Other than this happy event, “Finale” falls flat. It again tries to muster comedy from the kids in cages, and racial aspects of the episode seem outdated only seven months after the episode’s debut. A few funny moments emerge but the program mostly sputters.
Board Girls (aired 11/13/19): “When Vice Principal Strong Woman loses an athletic competition to a surprising new competitor, she and PC Principal are thrown into an emotional tailspin. Cartman objects when the school starts admitting girls into the Board Game Club.”
The notion of a man who feigns identification as a female for various advantages isn’t exactly fresh, and “Girls” finds nothing creative in that vein. The PC Principal/VP Strong Woman characters always seemed one-dimensional anyway, and “Girls” doesn’t come up with anything new to say. The Game Club adds a little humor but not enough to turn this into a winning show.

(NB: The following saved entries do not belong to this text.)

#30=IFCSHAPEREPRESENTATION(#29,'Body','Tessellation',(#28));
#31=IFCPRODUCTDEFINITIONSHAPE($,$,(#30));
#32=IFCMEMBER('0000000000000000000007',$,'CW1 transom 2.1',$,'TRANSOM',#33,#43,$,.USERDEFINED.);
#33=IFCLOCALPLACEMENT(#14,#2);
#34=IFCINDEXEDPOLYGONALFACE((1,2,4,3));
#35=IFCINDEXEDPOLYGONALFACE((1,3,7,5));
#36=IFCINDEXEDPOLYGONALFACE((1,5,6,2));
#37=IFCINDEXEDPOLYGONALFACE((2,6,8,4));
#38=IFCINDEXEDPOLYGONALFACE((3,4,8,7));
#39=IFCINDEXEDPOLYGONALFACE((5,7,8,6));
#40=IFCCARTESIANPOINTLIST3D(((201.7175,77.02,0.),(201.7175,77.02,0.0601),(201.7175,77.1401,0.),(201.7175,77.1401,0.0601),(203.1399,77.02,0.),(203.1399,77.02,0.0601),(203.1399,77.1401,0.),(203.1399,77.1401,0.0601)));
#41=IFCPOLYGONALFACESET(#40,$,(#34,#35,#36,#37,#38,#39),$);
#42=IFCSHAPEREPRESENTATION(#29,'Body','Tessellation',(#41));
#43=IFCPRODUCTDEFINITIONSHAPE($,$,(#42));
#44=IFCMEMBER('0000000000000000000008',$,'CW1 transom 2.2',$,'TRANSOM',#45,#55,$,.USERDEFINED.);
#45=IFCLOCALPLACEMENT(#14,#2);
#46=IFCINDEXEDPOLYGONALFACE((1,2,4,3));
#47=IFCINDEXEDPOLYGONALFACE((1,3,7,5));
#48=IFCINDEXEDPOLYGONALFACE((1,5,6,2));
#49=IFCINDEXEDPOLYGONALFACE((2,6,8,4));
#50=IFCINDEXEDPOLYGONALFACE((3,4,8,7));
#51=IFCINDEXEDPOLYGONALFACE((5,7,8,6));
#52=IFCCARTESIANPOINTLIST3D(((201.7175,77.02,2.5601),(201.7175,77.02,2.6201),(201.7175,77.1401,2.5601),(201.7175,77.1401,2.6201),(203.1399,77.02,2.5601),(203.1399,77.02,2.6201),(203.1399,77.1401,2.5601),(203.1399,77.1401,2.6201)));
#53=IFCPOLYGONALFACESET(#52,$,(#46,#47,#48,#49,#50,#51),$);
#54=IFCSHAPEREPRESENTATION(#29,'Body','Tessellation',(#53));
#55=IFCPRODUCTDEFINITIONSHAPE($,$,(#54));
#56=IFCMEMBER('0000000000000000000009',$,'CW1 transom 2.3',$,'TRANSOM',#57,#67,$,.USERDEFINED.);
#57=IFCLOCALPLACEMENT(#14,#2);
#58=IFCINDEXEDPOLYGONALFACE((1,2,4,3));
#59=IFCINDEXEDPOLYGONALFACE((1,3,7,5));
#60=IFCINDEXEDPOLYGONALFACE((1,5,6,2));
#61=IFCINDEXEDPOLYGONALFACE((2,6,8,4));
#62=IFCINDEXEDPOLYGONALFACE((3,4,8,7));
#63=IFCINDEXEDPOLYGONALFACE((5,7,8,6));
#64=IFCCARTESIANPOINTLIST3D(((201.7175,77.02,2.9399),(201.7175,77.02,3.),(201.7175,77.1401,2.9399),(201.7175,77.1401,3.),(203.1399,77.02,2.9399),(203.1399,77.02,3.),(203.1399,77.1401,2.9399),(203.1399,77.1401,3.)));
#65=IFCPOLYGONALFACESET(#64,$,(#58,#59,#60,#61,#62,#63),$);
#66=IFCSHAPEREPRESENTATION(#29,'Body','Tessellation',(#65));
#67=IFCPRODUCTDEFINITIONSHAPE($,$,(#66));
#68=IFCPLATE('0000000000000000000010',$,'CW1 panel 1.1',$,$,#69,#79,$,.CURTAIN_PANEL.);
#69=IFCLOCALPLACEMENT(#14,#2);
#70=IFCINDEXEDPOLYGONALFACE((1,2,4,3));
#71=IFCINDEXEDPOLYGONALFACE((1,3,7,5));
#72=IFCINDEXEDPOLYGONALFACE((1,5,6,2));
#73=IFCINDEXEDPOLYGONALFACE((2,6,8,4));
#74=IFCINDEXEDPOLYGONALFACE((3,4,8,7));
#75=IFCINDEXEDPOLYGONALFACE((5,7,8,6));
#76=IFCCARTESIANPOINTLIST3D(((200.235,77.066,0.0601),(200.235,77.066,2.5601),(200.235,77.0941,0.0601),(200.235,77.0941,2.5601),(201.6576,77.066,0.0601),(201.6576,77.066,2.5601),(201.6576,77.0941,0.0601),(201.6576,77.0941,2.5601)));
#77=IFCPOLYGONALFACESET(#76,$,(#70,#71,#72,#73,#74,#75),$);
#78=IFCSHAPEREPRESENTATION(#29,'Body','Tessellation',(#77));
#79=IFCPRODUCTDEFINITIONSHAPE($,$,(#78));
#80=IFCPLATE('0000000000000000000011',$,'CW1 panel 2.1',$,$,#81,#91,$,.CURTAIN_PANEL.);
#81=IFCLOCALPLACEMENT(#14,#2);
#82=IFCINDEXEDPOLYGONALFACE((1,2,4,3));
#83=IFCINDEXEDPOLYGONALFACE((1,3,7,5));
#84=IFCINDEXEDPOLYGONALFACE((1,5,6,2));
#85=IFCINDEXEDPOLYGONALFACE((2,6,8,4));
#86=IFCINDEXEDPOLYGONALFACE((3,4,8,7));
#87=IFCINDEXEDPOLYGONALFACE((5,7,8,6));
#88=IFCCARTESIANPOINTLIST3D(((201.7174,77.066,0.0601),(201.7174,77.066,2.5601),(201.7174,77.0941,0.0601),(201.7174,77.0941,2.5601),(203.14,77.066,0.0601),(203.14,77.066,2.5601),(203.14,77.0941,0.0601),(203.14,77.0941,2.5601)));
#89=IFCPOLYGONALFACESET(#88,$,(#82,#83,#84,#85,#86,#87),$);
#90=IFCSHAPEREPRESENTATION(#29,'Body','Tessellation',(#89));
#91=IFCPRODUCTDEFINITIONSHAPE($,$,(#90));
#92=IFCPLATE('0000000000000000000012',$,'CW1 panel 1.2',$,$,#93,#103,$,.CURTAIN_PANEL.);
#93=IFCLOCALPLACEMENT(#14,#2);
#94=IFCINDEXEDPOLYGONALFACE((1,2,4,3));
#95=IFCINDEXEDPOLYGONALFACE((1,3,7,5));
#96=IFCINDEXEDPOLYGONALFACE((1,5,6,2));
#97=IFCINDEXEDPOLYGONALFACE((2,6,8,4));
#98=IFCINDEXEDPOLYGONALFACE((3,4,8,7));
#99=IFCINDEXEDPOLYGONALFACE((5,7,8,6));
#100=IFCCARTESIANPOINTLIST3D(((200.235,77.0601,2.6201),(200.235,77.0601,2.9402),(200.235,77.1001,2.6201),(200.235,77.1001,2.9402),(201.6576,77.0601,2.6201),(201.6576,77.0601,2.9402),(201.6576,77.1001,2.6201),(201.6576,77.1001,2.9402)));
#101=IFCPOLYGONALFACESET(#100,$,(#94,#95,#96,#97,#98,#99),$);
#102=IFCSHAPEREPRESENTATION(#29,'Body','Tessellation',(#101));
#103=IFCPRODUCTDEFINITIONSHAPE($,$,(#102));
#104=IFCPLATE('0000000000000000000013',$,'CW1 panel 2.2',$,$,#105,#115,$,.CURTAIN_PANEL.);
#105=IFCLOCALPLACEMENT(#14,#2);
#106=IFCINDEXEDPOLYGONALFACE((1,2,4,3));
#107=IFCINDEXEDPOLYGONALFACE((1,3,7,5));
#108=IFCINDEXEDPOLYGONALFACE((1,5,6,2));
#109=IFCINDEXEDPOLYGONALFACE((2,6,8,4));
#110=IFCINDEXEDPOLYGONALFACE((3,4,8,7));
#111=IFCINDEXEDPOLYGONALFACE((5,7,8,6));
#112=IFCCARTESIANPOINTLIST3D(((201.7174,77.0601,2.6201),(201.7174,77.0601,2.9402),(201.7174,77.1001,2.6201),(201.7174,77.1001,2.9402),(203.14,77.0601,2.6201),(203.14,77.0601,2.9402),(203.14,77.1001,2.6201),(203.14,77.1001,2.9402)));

Turd Burglars (aired 11/27/19): “Sheila Broflovski feels better than ever after receiving a fecal transplant. Stan, Cartman and Kenny see a way to get their hands on the latest video game: Star Wars Jedi: Fallen Order.”
Wow – a Season 23 episode that produces multiple laughs! Obviously, the show goes for scatological humor to an extreme – it’s an episode about poop, after all – but it still manages some pretty good bits. It feels like a flashback to the series’ better days and easily turns into S23’s best.
Basic Cable (aired 12/4/19): “The new girl at school has diabetes, and Scott Malkinson assumes that the two of them must be soulmates.”
No one will confuse a show that relies on so many jokes about lazy cable guys as creative genius. Still, “Basic” manages some decent comedy – at least by S23 standards. While not good compared to the series’ stronger years, it seems positive for this one.
Christmas Snow (aired 12/11/19): “It’s Christmastime in South Park, but things are not so merry now that a city ordinance has been put in place banning alcohol during the holidays. Since no one wants to face the holidays sober, the town reaches out to Randy to come up with a Christmas special.”
S23 concludes with a relative dud, mainly because it brings back Randy. The season’s uptick coincided with his absence, and he creates a drag on the season finale.
Not that the rest seems memorable either. The theme about South Park’s love for impaired driving feels silly even for this series, and the preoccupation with drugs lacks cleverness. This becomes a dull ending to a mostly weak season.